# What Is The Significance Of 5Ks



## Neutral Singh (Jun 21, 2004)

The Five Kakars are : 

1. Keshas - Unshorn hair 
2. Kangha - Comb 
3. Kara - An iron bracelet 
4. Kachhehra - Special tailored underwear 
5. Kirpan - Sword 
An Amritdhari (Baptised by Five Beloved ones) Sikh happily wears these 5 K's all the time. 

*The Keshas *

These are the stamp of Akal Purkh. As he has made other parts of the body so are the keshas. Unshorn keshas are the symbol of living in His will. A sikh should maintain unshorn hair on all parts of his body, right from the toe-tip to the head. In his way he becomes eligible for the God's grace. Guru Arjan Dev Says : 
"Saabat Surat Dastaar Sira" (1083) 
Long uncut hair, distingguish a Sikh from all others. A Sikh does not trim his hair even if he has to sacrifice his life. His keshas are considered as a gift from the Guru. So he always keeps them neat, clean and duly covered with a Turban to protect them from dirt. A Sikh who trims his Keshas is considered a fallen one and is called Sirgum or Patit. Sikh ladies are also ordained not to trim or pluck their hair or eye-brows. The image of Sikh created by God (Waheguru) as such may be preserved by him.
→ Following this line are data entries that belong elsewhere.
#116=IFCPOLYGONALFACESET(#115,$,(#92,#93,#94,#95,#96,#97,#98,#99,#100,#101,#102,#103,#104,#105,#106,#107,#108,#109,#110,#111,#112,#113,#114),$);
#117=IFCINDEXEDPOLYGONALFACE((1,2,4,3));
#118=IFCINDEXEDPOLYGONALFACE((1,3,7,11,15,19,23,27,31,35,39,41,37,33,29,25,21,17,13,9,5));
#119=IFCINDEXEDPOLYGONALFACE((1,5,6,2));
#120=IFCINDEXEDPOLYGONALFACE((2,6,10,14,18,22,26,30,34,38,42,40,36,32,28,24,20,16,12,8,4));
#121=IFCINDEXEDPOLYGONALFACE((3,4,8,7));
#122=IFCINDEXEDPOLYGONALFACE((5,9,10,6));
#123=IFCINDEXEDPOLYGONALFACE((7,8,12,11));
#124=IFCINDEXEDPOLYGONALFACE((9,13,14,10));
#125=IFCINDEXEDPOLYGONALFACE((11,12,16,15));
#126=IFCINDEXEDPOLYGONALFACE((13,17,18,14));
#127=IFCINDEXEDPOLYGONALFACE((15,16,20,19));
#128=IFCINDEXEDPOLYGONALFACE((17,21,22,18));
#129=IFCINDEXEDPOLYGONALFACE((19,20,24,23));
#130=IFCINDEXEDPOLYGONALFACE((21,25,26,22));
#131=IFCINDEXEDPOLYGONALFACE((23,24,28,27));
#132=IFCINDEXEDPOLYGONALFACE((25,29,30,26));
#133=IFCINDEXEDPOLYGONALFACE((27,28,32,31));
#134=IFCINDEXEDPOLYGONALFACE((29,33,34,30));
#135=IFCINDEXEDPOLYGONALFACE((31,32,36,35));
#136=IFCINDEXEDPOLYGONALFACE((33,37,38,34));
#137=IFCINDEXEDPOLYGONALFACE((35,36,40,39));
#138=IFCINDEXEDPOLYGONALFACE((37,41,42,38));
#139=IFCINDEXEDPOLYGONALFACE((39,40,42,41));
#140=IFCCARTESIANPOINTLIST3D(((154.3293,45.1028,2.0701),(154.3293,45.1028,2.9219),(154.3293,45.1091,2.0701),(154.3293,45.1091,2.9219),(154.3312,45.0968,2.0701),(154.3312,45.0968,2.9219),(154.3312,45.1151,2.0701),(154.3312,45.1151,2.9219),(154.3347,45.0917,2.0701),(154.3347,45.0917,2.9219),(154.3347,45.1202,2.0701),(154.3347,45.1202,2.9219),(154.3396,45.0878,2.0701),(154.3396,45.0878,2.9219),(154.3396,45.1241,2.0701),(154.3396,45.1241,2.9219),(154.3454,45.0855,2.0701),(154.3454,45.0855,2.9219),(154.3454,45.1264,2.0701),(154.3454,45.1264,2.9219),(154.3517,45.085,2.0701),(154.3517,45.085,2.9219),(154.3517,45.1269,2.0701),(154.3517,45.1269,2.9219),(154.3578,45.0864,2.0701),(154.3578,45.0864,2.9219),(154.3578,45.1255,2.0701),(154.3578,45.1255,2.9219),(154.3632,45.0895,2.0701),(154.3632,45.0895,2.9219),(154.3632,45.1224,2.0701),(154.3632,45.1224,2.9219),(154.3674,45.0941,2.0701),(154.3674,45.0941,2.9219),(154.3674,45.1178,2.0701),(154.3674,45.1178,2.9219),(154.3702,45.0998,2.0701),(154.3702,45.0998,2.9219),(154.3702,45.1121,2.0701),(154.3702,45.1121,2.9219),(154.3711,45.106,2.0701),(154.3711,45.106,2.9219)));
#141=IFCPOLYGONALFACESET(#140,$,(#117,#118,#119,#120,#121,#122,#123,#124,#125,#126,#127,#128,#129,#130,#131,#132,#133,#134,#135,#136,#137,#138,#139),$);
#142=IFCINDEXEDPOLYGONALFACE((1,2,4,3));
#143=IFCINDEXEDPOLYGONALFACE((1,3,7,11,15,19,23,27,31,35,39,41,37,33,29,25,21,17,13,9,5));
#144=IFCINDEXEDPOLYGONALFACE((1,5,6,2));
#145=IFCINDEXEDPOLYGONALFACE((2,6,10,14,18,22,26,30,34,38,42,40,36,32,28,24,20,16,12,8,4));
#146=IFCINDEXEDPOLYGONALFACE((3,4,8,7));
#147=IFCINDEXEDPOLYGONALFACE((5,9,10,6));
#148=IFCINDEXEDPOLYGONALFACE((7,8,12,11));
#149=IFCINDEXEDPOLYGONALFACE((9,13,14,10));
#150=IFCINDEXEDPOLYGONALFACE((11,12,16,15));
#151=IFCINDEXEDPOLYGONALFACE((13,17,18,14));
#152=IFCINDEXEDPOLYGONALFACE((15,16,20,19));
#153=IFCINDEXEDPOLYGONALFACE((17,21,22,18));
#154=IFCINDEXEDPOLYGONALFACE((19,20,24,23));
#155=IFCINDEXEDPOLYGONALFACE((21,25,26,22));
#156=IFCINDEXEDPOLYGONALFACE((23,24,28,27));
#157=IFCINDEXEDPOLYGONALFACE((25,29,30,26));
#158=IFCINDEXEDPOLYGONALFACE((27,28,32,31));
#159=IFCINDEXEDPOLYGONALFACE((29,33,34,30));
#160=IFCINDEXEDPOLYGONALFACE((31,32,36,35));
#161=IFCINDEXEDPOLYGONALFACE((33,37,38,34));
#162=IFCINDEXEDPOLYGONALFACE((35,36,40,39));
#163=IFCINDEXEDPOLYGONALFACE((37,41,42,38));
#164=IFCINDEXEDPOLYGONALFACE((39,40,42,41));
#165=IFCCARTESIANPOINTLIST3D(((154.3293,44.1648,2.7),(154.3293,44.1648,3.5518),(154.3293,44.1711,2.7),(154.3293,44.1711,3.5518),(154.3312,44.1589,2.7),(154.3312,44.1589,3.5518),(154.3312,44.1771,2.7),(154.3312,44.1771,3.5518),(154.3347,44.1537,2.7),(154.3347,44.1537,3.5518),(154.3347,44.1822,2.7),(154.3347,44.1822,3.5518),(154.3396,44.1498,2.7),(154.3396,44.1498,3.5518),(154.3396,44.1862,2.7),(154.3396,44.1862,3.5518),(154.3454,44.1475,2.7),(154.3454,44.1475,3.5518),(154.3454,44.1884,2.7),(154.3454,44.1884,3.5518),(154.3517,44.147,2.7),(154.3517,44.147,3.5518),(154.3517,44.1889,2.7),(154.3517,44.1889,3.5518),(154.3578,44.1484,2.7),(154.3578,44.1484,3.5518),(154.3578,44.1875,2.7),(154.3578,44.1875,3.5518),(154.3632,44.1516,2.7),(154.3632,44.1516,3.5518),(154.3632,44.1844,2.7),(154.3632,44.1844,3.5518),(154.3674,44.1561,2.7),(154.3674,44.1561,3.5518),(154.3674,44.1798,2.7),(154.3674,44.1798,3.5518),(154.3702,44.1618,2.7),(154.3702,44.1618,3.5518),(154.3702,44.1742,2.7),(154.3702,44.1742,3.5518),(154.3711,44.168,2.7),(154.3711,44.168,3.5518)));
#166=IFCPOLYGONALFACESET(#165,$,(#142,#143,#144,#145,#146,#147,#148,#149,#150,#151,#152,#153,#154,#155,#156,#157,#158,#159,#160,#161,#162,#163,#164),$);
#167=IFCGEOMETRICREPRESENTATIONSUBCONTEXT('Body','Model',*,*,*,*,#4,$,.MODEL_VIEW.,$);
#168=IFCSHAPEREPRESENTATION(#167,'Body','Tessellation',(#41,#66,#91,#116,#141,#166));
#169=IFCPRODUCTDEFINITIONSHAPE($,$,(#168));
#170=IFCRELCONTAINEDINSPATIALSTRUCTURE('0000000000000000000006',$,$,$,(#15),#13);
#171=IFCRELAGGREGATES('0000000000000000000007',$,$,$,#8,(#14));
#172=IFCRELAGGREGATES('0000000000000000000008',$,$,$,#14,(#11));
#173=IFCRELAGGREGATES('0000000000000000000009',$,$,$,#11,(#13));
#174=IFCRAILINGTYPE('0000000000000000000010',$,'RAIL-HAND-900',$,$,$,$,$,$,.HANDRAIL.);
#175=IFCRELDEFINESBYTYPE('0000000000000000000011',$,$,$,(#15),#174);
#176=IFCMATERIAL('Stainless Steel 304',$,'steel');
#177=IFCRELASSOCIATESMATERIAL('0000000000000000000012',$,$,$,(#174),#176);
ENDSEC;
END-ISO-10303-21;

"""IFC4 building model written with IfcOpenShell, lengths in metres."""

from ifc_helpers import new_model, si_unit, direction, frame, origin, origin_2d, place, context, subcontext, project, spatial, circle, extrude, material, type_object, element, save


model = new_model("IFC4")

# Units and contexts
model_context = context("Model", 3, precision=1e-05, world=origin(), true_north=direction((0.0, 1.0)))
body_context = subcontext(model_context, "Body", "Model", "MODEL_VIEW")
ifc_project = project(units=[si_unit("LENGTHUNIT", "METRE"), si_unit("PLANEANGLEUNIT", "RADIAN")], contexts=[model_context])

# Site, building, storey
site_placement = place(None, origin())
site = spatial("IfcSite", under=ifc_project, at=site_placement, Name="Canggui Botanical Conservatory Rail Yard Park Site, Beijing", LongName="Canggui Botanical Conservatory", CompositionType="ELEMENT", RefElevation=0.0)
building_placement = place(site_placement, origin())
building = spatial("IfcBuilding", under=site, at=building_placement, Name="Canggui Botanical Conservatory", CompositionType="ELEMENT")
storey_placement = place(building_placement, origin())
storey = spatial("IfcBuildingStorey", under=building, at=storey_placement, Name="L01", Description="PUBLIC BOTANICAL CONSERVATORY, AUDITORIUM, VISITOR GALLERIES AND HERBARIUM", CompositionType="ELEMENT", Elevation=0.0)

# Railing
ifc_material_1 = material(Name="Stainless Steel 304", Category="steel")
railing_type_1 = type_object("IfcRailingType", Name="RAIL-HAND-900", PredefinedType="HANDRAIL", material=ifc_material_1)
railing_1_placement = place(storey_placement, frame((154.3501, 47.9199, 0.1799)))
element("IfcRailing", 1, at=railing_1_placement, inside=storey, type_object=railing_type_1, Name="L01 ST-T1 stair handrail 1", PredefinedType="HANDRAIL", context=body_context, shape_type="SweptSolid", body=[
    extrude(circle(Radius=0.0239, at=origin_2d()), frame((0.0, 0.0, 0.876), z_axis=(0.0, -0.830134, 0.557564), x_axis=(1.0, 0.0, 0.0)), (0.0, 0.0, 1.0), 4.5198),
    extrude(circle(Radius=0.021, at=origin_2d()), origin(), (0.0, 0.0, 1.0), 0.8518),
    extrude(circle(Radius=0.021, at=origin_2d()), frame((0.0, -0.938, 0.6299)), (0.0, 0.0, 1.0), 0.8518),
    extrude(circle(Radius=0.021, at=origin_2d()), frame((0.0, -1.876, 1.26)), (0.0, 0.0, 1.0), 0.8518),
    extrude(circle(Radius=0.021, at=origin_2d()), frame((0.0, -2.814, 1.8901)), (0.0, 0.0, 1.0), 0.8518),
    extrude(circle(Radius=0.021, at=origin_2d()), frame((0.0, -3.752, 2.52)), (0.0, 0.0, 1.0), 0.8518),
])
Waheguru has lent spiritual strength to him through the natural growth of hair on his body. These hair act as hidden eloquence of Divinity. All the saints, sages, Prophets and Enlightened souls born on this earth had kept their hair in tact with respect. In compliance with the command of Guru Gobind Singh Ji, a sikh should always show full respect to the hair thinking them as the natural gift of God (Akal Purkh). 

*The Kangha *

A Kangha is used for cleaning the hair. A Sikh always keep his Kanga in his hair. A wooden kanga is universally used by Sikhs. Sikhs comb hair twice a day-morning and evening. The Kangha is equally reminiscent of cleanliness of mind and heart both. Cleaning of mind and heart is possible only through recitation of or listening to Gurbani and service of man - the truthful way of life as shown by Guru Sahib. Physical development alone is not enough. Conscious efforts will have to be made in order to achieve spiritual uplift which is possible only through the purity of mind and heart together. Thinking Kanga to be an integral part of the body it should always be kept inside the hair. 

*The Kara *

Every sikh wears Kara. It is a bracelet made of steel/iron. It is adorned on the right hand of a sikh. It reminds him of his spiritual relationship having been established with Guru. And now he belongs to Guru. This bracelet made of steel symbolises his steel like impregnable resolution and inner strength of soul. It always warns him against doing any evil deed (misdeed) with his hands and feet. There is another old belief of the people that all the evil spirits get sacred away from a person wearing a bracelet made of steel. Any one (a gursikh) who has established his relationship with Guru, he only belongs tohim as a consequence of which no evil soul can cast its impact on him. The Kara should be only of steel, golden or other metallic bracelets are not considered as sacred by the Guru. 

*The Kirpan *

Sikh has been instructed by the Guru to always keep a sword on his person. Sikhs wear it with a strip of cloth called 'Gatra'. A sikh is always supposed to have it hanging around his waist. It is never detached from the body. At the time of taking bath, it may adorn over his head and while washing his hair it nay be trucked into the bridle. 
It is our sacred duty to show full respect to it. It also reminds him of his inner spiritual strength which can be acquired only through the recitation of Divine word 'Waheguru'. It is this strength alone which enables him, though with great conscious efforts, to have control over passions of lust for sin, anger, avarice attachment and pride. In the same way, he can offer protection to humanity by challenging the outer forces of cruelty, tyranny oppression injustice (social, political and economic) Kirpan further beckons that no innocent should be subjected to cruelty and oppression. Sikh equipped with Kirpan created by Guru Gobind Singh Ji stands for peace, justice truth and brotherhood. He is supposed to embrance the entire humanity irrespective of caste, creed, colour, position and nationality. These things alone infuse in him some invincible spiritual strength bestowed upon him by Guru Gobind Singh Ji. 
Million-fold vices and sins get naturally destroyed with the equipment of Kirpan, for it stands for purity, peace, justice and truth. At the time of performing Ardas, Kirpan is used for the acceptance and distribution of Karah Prasad and similarly for the acceptance of Langar (food) among the congregation. 

*The Kachhehra *

Every sikh wears an underwear that is specially designed and stiched. It symbolises the high character of the Sikhs. It facilitates him to have control over his carnal desires. It stands for his absolute fidelity towards his wife and how he is to keep up the family discipline while leading a married life in this world. In this way, a Sikh (Male or Female) looks upon every man or woman as his or her brother and sister other than her husband and his wife.


----------



## Mehtab Singh (Jun 30, 2004)

Waheguru Ji Ka Khalsa Waheguru Ji Ki Fateh

For those who can understand Punjabi, there is an amazing katha by Gyani Sant Singh Jee Maskeen at www.proudtobesikh.com . On the right hand side, under *Gurbani Viakhia Sahit*, and its entitled *Kakaar*.

Waheguru Ji Ka Khalsa Waheguru Ji Ki Fateh


----------